Trumpf investiert 3,2 Millionen in das Start-Up Optimate
Optimate ist eine hundertprozentige Tochter von Trumpf. (Quelle: Trumpf)

Das Hochtechnologieunternehmen Trumpf investiert weitere 3,2 Millionen Euro in das Start-Up Optimate. Optimate bietet eine Softwarelösung an, um die Konstruktion von Blechteilen zu optimieren und Kosten zu sparen. Mit der Investitionssumme möchte das Start-Up seine Aktivitäten auf dem Markt für Blechbearbeitung weiter ausbauen.

„Optimate begeistert unsere Kunden und auch unsere Konstrukteure. Wir sehen darüber hinaus den wachsenden Bedarf an digitalen Assistenzsystemen und Cloud-basierten Dienstleistungen in der Industrie. Mit der weiteren Investition in Optimate beschleunigen wir diesen Wandel“, sagt Tom Schneider, Managing Director der Trumpf Werkzeugmaschinen SE + Co. KG.

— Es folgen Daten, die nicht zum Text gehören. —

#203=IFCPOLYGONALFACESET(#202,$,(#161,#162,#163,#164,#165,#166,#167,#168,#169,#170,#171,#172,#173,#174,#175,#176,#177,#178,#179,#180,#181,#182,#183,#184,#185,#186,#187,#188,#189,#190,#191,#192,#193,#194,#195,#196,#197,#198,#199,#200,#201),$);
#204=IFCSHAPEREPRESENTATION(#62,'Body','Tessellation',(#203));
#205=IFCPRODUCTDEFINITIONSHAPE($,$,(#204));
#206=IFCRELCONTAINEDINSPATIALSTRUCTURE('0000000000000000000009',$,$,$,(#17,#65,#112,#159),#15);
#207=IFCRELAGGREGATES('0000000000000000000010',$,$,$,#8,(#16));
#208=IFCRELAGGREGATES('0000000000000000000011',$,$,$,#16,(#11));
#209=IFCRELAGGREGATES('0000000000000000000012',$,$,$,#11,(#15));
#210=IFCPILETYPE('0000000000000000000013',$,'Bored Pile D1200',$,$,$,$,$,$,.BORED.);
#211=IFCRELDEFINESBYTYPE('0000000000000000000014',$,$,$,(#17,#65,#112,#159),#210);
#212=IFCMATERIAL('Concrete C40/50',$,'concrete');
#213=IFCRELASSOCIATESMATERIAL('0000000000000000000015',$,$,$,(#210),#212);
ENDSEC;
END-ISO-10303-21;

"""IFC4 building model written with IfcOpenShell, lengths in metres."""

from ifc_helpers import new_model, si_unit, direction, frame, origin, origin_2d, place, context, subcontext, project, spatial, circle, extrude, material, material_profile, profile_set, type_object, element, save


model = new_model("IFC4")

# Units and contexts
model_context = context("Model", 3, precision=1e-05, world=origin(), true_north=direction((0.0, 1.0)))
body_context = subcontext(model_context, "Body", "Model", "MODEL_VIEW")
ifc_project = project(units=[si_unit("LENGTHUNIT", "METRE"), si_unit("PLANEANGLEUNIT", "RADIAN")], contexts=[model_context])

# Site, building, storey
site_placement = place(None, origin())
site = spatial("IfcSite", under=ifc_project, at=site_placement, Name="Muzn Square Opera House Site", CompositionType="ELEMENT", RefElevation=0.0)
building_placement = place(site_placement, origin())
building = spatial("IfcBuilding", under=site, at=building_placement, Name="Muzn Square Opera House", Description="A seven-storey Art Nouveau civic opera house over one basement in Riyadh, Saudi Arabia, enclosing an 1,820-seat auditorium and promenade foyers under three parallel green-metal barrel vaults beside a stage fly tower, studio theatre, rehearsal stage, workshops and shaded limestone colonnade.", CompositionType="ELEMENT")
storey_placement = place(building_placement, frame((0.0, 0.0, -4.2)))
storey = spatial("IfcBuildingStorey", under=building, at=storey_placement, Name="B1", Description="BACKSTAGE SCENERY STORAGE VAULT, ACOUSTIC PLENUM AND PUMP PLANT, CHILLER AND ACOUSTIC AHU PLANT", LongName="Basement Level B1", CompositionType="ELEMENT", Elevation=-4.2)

Konstruktion optimieren, Herstellkosten senken

Die Online-Plattform Optimate bietet eine KI-basierte Softwarelösung an, mit der Blechbearbeiter und Konstrukteure Bauteile verbessern, Fehler vermeiden und so Herstellkosten senken können. Die hundertprozentige Trumpf Tochter setzt dafür einen selbst entwickelten Algorithmus und Machine Learning ein. Die Software des Start-Ups zeigt Kunden beispielsweise, wo sie Material einsparen können. Fehler in der Konstruktion behebt sie auf Knopfdruck. Anwender können im Anschluss die verbesserte CAD-Datei des Bauteils herunterladen und sofort nutzen. Optimate arbeitet gerade an einer weiteren Ausbaustufe seiner Software: Künftig soll sie auch bei komplexeren Bauteilen Optimierungspotentiale aufdecken und kostentreibende Fertigungsschritte einsparen.

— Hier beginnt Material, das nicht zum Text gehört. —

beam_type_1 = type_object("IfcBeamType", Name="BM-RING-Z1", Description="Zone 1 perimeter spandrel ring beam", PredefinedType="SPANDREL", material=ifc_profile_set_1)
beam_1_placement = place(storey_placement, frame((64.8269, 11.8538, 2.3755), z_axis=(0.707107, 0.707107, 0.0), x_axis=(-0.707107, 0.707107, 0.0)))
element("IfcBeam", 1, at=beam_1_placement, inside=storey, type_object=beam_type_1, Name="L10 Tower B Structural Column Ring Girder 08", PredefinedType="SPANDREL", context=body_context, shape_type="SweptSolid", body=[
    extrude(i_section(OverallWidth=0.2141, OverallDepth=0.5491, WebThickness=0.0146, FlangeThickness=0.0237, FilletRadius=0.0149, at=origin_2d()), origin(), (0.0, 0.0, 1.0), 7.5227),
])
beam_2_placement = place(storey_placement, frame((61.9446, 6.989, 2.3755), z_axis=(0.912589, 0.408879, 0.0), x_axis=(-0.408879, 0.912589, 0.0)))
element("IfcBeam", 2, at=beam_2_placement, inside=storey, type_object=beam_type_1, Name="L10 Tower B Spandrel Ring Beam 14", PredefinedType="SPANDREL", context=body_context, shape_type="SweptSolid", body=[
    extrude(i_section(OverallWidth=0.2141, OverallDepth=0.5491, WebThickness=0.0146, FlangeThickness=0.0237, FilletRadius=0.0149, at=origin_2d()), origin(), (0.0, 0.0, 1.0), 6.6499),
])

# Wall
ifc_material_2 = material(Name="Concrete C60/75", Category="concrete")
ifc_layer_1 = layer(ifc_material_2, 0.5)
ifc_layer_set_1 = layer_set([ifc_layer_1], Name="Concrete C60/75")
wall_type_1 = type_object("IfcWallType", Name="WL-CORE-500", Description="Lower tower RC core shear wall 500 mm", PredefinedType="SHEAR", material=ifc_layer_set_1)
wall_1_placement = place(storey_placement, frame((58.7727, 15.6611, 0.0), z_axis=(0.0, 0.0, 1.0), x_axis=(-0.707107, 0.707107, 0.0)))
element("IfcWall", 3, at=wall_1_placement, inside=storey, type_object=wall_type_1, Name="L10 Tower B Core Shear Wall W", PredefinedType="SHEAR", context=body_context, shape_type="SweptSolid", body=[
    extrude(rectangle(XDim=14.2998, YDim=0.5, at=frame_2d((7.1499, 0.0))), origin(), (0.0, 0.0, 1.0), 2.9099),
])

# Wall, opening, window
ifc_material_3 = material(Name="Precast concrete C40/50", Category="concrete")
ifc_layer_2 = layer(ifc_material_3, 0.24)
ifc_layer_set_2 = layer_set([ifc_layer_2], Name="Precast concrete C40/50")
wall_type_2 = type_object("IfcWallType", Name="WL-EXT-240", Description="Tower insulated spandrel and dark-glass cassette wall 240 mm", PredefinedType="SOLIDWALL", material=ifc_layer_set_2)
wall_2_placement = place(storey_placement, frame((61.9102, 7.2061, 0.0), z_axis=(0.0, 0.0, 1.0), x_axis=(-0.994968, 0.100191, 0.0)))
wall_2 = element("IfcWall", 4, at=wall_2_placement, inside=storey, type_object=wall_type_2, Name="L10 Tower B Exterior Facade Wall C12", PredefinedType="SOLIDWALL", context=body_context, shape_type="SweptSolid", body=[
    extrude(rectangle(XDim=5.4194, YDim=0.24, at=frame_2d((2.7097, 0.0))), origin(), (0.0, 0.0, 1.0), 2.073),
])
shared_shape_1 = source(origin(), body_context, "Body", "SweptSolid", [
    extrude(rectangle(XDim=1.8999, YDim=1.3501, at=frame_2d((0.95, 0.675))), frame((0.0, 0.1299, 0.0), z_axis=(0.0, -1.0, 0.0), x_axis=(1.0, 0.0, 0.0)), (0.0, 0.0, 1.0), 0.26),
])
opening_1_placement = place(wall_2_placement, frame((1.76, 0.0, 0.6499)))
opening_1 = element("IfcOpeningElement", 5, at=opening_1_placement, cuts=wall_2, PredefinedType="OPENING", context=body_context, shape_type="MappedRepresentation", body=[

Inkubator-Programm ebnete Optimate den Weg

Aus Trumpf ausgegründet hat sich das Start-Up Optimate bereits im Sommer 2020. Die Gründer waren ursprünglich bei Trumpf beschäftigt und konnten ihre Idee im Rahmen des internen Inkubator-Programms „Internehmertum“ erfolgreich zum Geschäftsmodell entwickeln.

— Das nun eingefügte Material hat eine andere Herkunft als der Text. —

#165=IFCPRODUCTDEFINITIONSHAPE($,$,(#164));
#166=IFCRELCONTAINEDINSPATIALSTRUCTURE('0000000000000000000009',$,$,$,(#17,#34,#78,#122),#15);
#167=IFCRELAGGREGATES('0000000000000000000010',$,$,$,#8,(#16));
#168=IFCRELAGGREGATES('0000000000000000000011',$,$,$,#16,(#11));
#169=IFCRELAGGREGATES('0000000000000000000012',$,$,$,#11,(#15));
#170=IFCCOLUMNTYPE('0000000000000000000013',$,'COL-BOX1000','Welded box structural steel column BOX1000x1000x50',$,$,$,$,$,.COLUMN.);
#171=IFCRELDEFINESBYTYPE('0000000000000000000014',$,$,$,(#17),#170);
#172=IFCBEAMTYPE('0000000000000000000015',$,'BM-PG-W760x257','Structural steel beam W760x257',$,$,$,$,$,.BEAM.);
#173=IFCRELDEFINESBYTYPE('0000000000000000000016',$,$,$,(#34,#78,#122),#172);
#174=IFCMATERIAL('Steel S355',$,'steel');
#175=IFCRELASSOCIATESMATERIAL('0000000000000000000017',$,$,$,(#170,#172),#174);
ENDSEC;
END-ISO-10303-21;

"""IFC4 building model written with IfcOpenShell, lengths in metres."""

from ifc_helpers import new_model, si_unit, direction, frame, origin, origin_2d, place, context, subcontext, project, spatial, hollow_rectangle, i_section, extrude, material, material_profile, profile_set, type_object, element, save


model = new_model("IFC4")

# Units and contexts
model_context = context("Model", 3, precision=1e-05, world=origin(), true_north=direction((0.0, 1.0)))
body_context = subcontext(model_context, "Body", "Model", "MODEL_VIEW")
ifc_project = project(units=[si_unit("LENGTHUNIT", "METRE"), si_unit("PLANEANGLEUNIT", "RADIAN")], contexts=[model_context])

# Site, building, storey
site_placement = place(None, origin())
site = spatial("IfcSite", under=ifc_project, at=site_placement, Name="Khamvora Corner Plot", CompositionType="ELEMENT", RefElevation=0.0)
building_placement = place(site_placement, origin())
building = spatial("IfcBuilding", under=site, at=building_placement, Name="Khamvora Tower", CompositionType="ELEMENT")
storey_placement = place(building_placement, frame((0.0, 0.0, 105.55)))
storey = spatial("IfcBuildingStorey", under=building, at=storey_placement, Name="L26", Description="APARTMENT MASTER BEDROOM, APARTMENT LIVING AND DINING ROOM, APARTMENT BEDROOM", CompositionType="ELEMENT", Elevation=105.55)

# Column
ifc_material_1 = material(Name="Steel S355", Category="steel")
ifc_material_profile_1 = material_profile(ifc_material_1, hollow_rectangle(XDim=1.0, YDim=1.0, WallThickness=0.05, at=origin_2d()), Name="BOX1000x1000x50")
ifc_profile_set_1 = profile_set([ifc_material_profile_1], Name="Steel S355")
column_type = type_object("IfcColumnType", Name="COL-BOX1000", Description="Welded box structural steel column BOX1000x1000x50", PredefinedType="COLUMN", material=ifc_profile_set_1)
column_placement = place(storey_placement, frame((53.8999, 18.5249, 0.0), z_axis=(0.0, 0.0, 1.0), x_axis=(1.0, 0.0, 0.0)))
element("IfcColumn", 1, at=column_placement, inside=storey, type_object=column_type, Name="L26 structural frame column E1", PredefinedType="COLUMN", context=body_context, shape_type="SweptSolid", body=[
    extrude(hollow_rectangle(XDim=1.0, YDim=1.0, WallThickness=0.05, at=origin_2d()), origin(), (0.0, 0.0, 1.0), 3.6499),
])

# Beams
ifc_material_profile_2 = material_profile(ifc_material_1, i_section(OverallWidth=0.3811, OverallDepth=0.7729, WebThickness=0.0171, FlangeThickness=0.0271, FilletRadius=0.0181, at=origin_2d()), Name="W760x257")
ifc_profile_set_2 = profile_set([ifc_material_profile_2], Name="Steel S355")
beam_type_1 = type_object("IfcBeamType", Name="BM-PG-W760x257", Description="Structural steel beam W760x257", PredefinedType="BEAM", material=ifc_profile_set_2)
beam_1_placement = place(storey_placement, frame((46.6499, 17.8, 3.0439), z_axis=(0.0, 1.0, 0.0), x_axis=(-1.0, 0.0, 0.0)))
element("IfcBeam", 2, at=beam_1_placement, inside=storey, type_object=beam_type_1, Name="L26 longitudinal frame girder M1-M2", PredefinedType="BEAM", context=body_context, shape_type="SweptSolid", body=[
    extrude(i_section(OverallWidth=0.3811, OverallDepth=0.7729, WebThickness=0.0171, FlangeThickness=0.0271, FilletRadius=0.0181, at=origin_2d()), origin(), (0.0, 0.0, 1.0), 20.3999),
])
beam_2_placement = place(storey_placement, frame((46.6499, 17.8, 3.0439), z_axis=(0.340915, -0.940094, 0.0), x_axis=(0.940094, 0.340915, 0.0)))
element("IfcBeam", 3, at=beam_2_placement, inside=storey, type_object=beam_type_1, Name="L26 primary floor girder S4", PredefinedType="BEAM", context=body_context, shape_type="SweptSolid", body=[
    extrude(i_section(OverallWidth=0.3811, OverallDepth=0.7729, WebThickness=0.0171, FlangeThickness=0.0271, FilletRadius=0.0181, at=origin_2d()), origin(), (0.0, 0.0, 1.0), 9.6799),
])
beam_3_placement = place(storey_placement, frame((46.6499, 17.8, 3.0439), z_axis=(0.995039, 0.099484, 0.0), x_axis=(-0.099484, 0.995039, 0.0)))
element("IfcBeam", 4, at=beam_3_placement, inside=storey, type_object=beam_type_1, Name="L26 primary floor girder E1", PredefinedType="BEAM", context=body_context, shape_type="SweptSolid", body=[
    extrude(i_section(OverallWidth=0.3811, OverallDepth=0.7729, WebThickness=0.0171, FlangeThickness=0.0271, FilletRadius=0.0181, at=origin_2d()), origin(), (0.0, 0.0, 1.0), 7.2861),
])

„Das Internehmertum war das ideale Umfeld, um unsere Idee weiterzuentwickeln und zu validieren. Nach der Ausgründung konnten wir direkt durchstarten“, sagt Jonas Steiling, Gründer von Optimate.

Das Start-Up beschäftigt mittlerweile sieben Mitarbeiter und möchte weiterwachsen.